So how do i find out TRN or Grant Number with my passport number.


----------



## mithu93ku (May 30, 2013)

GMR9 said:


> If I ring DIAC asking for information. They would definitely ask me for my grant number or TRN number which I do not possess with me currently.
> 
> So how do i find out TRN or Grant Number with my passport number.


If things are not clear to you , please take advice from a Migration agent (MARA registered agent) from your area!


----------



## Judy&Rob (May 31, 2011)

Your grant number etc is on the email your wife has....which you have said she won't share with you ....therefore if you ring the DIAC and prepose the scenario....and see what information they give back....
They will be able to tell you right away, they are very helpful , you won't necessarily have to provide any TRN numbers etc


----------



## Judy&Rob (May 31, 2011)

GMR9 said:


> If I ring DIAC asking for information. They would definitely ask me for my grant number or TRN number which I do not possess with me currently.
> 
> So how do i find out TRN or Grant Number with my passport number.

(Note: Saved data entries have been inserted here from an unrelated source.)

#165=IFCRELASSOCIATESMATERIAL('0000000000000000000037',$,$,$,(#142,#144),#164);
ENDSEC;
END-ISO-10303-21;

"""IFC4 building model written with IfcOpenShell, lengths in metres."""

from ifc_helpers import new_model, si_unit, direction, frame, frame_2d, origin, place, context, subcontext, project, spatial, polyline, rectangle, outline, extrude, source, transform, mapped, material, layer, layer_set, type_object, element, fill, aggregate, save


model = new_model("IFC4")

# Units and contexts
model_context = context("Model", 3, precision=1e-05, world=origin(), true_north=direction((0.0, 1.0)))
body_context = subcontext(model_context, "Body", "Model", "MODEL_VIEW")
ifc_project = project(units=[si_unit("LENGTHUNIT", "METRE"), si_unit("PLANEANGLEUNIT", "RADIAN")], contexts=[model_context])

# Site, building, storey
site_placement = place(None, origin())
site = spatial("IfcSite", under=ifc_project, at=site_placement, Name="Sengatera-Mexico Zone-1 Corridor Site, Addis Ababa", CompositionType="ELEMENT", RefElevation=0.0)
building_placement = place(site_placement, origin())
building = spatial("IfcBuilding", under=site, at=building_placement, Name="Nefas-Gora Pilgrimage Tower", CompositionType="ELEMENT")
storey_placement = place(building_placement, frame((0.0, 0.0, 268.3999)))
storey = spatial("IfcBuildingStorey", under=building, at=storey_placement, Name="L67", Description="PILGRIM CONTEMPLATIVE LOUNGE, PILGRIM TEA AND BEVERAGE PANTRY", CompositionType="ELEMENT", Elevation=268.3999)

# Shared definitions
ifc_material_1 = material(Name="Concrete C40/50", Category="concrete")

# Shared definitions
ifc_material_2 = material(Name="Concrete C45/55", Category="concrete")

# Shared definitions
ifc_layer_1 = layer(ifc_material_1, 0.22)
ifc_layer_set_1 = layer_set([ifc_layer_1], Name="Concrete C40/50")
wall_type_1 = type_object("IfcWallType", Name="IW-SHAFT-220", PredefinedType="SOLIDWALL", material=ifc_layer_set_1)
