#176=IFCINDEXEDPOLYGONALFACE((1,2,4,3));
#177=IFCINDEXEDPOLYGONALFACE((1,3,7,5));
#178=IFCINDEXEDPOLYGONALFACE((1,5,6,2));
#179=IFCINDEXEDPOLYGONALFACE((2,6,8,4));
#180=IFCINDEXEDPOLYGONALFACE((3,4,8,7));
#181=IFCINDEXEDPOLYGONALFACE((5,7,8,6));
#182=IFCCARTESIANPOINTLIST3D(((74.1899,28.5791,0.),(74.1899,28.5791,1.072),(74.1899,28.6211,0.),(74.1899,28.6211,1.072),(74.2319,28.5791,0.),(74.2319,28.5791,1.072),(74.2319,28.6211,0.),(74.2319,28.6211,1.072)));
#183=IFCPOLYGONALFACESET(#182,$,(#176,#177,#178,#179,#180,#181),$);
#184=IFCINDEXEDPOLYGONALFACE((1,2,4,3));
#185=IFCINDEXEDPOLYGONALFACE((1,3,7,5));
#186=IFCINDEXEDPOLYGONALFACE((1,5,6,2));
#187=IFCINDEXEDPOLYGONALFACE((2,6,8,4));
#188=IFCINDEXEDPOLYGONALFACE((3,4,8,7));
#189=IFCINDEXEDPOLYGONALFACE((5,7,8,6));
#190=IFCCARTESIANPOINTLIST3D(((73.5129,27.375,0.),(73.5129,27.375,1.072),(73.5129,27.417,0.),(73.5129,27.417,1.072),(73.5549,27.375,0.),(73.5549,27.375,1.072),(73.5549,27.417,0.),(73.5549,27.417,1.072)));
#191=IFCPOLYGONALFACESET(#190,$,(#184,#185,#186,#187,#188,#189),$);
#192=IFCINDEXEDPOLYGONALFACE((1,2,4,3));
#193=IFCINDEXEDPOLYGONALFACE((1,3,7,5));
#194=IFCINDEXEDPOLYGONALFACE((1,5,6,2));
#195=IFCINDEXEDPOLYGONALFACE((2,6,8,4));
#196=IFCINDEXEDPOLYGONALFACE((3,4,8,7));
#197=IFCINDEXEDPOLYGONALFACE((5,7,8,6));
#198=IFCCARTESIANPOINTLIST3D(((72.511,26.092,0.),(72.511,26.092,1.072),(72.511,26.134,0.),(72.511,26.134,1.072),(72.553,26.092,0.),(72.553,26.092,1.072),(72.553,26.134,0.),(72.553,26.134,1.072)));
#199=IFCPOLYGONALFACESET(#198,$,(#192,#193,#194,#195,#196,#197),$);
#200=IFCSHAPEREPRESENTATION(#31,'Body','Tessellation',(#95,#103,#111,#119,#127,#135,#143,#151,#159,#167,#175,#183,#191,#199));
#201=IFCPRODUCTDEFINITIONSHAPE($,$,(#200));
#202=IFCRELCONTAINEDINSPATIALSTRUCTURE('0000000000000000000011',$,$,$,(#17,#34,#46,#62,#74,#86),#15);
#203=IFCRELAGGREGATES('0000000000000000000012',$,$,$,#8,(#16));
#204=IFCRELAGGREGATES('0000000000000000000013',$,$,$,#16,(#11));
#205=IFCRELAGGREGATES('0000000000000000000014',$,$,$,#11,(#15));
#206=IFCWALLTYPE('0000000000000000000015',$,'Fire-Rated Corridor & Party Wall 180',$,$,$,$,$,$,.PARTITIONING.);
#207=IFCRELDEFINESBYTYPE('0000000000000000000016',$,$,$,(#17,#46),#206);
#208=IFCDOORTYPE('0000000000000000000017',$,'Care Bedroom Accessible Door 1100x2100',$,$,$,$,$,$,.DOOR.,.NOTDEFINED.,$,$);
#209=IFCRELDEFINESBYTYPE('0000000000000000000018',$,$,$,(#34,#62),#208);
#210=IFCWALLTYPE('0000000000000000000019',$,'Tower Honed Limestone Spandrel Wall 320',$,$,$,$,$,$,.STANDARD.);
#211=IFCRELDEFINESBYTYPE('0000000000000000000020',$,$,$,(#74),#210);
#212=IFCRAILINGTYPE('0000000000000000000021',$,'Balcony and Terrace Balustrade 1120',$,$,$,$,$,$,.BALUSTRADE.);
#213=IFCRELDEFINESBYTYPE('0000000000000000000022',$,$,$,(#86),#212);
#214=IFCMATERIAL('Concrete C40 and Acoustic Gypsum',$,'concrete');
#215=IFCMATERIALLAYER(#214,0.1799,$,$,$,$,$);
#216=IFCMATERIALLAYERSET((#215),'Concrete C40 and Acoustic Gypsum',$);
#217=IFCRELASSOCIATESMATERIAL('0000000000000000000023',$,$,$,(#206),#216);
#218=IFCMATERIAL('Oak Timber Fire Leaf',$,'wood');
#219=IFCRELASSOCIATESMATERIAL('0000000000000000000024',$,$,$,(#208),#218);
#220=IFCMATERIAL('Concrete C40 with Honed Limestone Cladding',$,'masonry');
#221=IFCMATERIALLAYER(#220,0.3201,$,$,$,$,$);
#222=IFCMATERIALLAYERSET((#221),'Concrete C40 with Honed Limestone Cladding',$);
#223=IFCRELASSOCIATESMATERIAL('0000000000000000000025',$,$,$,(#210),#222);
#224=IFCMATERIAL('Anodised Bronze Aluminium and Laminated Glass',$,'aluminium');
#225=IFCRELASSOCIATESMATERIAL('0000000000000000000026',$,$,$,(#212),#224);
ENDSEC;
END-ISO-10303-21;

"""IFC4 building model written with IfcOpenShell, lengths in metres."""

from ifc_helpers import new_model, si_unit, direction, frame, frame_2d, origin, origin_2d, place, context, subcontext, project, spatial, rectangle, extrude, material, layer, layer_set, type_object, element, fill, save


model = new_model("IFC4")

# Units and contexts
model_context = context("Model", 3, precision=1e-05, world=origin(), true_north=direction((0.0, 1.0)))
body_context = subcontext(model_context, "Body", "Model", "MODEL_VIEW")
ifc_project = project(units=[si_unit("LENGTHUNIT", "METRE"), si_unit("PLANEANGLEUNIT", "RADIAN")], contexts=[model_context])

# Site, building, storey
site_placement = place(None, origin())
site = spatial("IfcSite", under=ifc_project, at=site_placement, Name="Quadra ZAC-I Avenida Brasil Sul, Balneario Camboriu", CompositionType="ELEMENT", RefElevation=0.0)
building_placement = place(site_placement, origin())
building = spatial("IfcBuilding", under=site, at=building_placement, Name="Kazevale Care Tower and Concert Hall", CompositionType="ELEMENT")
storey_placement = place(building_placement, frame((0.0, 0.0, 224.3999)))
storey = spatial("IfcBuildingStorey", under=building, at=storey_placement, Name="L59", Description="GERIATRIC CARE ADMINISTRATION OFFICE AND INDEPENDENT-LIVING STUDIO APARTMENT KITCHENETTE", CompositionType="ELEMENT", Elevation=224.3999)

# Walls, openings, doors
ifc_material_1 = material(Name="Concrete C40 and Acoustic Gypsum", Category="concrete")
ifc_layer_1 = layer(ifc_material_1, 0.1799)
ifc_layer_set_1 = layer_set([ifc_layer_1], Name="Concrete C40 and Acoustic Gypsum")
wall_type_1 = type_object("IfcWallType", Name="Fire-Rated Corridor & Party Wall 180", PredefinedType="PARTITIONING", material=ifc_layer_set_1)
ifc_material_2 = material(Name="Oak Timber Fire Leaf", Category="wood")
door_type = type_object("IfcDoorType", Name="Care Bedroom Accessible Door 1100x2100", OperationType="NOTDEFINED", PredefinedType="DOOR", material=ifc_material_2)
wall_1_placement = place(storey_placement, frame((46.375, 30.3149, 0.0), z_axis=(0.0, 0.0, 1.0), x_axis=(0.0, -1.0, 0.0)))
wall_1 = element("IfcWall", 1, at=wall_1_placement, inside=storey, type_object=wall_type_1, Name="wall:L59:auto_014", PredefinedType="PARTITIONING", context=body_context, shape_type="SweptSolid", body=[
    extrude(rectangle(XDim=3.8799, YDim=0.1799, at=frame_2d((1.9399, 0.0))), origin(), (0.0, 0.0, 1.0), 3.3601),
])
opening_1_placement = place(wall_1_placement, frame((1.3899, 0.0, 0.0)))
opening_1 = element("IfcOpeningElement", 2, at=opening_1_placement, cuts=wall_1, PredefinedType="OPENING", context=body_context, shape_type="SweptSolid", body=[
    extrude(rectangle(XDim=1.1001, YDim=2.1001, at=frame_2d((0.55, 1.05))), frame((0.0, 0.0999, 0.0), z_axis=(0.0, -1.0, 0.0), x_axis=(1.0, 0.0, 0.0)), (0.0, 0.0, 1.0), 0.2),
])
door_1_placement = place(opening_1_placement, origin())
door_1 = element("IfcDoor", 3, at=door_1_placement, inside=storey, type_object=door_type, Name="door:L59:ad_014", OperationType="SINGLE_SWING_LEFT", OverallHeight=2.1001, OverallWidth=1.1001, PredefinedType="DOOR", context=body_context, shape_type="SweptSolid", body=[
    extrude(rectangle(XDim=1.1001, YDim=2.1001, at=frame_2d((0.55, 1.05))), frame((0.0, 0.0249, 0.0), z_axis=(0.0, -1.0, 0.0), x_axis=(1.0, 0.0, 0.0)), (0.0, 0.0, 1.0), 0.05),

You have nothing to loose but a telephone call....


----------



## GMR9 (Jul 19, 2013)

When I walk into airport with a ticket booked to australia wouldn't the immigration department in here will ask me for some documents or a visa stamp in my passport or a grant letter ?

Since australia is not stamping any visa's on passport and instead they have the information feeded in the systems. How will i be able to pass thru indian airports ?

Can some one share there experiences related to this plz


----------



## GMR9 (Jul 19, 2013)

Judy&Rob said:


> Your grant number etc is on the email your wife has....which you have said she won't share with you ....therefore if you ring the DIAC and prepose the scenario....and see what information they give back....
> They will be able to tell you right away, they are very helpful , you won't necessarily have to provide any TRN numbers etc


I have heard from others that when ever there is a change in the relationship status before the validation and also sometimes later. One has to update DIAC about it.

Since our relationship hit rocks, she want to update DIAC to remove the name... not sure how it works now before the validation. How DIAC see and understand my scenario.

So if I call up them and explain the scenario will this not be used against me ?


----------



## Judy&Rob (May 31, 2011)

You don't necessarily have to use your name, you are just enquiring....I have rang the DIAC before when I was having a problem with my employer, I was on a 457 visa, and asked them if I could move employers and how I went about it, I didn't give my name throughout the conversation..they just provided the info I needed....
Or you could just go ahead and validate your visa by visiting Australia


----------



## mandeeps (Apr 5, 2013)

GMR9 said:


> I have heard from others that when ever there is a change in the relationship status before the validation and also sometimes later. One has to update DIAC about it.
> 
> Since our relationship hit rocks, she want to update DIAC to remove the name... not sure how it works now before the validation. How DIAC see and understand my scenario.
> 
> So if I call up them and explain the scenario will this not be used against me ?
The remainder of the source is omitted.